I have done childcare for a lot of years and have cared for many many infants in this time. I got a new baby boy on Monday! He is so precious and such a good baby. Now... I have had babies that almost take your breath away because they are so beautiful! I've also had babies that are cute because they have that comical factor like the old man hairdo, curly red out of control hair, super chubby and so on. I've also had babies that are like the ugly duckling... Start out not so cute and the older they get the prettier they become. 

But.............

I HAVE NEVER. SEEN. An. UGLY. PUPPY!!!!!

I know that Maltese are the cutest puppies ever! 

(sorry Violet and. Hardy)


----------



## crystallynn (Dec 16, 2011)

Awww, congrats! Pictures!!!


----------



## jodublin (Sep 27, 2006)

Photos


----------



## Furbabies mom (Jul 25, 2011)

These aren't my babies they are in my childcare ! Clients children! Of course I thought that my kids and grand kids were beautiful!!!


----------



## zooeysmom (Aug 1, 2011)

ROFL Pics on a public forum probably wouldn't be appreciated


----------



## crystallynn (Dec 16, 2011)

Oh, must have been the morning fog..  I thought you meant a furry baby. Well, congrats on a new baby in the daycare.

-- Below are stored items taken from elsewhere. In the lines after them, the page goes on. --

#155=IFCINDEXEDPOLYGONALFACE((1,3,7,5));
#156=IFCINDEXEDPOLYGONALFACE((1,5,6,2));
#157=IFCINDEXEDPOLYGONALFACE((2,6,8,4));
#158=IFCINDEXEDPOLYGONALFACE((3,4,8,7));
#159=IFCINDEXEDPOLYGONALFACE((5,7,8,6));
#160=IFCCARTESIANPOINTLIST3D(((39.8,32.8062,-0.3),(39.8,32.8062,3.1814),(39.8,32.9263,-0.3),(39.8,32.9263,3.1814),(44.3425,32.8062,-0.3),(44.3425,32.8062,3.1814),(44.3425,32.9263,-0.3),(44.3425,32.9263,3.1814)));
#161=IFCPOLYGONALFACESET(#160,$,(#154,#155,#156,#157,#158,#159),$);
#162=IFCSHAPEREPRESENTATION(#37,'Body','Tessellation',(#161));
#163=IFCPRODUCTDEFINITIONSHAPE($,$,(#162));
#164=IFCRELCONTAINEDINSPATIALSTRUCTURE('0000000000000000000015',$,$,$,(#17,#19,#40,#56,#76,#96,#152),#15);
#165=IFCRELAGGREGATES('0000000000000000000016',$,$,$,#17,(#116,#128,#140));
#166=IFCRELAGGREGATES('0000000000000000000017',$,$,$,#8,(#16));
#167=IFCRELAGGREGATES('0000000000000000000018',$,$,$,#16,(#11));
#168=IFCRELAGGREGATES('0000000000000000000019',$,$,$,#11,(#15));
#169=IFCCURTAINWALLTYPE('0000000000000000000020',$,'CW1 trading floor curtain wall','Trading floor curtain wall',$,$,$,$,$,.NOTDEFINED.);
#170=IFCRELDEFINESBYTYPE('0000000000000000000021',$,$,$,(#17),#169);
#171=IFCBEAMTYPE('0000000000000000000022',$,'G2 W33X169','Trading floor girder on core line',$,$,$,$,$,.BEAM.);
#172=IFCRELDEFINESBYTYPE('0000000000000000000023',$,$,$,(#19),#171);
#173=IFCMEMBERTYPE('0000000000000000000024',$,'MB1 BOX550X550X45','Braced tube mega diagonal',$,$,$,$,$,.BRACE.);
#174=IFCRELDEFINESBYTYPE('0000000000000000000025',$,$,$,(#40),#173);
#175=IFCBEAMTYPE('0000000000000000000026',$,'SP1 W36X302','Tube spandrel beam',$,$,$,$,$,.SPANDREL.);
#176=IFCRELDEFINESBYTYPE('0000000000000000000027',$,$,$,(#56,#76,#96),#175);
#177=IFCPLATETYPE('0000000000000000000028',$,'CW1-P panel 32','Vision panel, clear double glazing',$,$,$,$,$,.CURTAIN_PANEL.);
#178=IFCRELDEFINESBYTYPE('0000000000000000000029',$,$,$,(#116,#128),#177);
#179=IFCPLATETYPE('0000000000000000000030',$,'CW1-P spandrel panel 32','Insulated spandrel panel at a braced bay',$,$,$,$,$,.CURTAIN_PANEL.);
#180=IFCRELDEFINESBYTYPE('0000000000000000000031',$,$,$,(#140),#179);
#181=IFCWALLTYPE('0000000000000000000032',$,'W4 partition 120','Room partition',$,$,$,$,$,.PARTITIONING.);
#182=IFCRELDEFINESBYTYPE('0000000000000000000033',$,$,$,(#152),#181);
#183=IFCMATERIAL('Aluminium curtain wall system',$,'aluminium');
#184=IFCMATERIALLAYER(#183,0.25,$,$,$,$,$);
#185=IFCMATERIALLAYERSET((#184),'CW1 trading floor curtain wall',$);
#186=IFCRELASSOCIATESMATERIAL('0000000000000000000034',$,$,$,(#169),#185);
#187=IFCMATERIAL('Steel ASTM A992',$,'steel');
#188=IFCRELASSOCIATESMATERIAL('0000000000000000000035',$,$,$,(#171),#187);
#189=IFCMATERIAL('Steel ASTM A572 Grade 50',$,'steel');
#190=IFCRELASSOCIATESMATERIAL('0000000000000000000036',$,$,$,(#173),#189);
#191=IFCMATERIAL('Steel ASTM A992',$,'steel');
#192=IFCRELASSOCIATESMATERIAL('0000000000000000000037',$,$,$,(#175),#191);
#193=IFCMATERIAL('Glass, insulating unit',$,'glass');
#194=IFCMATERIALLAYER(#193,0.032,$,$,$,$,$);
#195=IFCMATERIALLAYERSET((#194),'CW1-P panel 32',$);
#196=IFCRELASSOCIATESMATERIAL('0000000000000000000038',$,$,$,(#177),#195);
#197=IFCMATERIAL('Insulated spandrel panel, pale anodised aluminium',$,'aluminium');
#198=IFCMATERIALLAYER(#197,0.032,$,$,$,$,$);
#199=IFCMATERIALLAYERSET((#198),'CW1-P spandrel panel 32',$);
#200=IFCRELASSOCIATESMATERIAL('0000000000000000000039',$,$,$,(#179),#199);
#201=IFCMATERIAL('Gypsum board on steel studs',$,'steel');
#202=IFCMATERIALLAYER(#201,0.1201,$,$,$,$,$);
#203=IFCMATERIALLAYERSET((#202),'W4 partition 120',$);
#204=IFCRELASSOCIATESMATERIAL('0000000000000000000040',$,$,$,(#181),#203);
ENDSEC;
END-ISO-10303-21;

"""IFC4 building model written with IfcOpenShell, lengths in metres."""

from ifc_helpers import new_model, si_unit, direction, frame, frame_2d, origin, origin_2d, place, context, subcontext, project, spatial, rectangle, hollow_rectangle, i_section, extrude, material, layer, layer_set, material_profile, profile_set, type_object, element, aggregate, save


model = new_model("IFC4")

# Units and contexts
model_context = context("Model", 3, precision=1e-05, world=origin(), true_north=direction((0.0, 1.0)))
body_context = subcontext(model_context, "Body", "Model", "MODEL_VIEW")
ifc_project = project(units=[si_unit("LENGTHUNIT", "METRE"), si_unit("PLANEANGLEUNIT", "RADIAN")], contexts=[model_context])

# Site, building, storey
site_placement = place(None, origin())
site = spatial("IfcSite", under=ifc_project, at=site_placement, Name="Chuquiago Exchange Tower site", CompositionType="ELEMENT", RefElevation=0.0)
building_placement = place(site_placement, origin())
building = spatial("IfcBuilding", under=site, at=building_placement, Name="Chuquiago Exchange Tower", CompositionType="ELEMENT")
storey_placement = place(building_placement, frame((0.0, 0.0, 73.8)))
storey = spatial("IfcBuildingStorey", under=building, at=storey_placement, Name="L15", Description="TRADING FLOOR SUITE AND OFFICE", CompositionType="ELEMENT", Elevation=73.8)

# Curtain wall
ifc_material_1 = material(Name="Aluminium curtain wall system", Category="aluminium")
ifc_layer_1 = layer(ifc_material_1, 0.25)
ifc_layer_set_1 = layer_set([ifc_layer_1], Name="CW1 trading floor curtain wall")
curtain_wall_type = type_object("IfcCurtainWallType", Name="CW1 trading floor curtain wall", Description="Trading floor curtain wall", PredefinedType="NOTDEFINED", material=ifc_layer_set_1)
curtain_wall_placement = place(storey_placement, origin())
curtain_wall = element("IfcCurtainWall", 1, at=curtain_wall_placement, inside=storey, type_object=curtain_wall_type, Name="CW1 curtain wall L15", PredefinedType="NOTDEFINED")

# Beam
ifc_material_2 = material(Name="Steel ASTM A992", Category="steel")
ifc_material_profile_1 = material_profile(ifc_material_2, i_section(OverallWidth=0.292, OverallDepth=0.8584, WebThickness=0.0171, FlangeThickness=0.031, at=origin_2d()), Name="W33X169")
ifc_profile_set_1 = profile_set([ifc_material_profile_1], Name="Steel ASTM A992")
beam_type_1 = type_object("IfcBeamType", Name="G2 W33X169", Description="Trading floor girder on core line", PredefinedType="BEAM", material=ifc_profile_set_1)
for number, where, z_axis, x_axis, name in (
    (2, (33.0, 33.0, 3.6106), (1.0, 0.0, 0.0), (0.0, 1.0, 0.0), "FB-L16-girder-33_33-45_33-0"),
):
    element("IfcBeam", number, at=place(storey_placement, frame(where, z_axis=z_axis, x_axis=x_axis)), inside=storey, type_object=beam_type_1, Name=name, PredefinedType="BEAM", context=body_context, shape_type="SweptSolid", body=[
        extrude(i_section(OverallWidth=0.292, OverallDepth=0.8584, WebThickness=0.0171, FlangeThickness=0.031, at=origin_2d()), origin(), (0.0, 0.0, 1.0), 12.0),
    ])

I miss having a baby around. I'm getting my fix of nurturing with a new furry baby, though. He keeps me busy! :biggrin:


----------



## MoonDog (Jun 6, 2011)

I've never seen an ugly puppy either! And you know what? I hate that contest they do every year, "World's Ugliest Dog". That always makes me sad...


----------



## Furbabies mom (Jul 25, 2011)

Me too! There is something about a dog's eyes that make them beautiful and can melt your heart!


----------



## Lovkins mama (Dec 15, 2011)

I agree there is NO UGLY PUPPY!


----------



## The A Team (Dec 1, 2005)

No, there are no ugly puppies. But I have seen full grown dogs that I thought were pretty weird looking....:blush:....but not many. - and I'm sure their personalities were wonderful.:wub: 

Hey, it's hard when you tell the truth!!! :w00t: I guess it's all personal opinion.

Edit to say: I am NOT speaking of maltese!!!!!!!!!


----------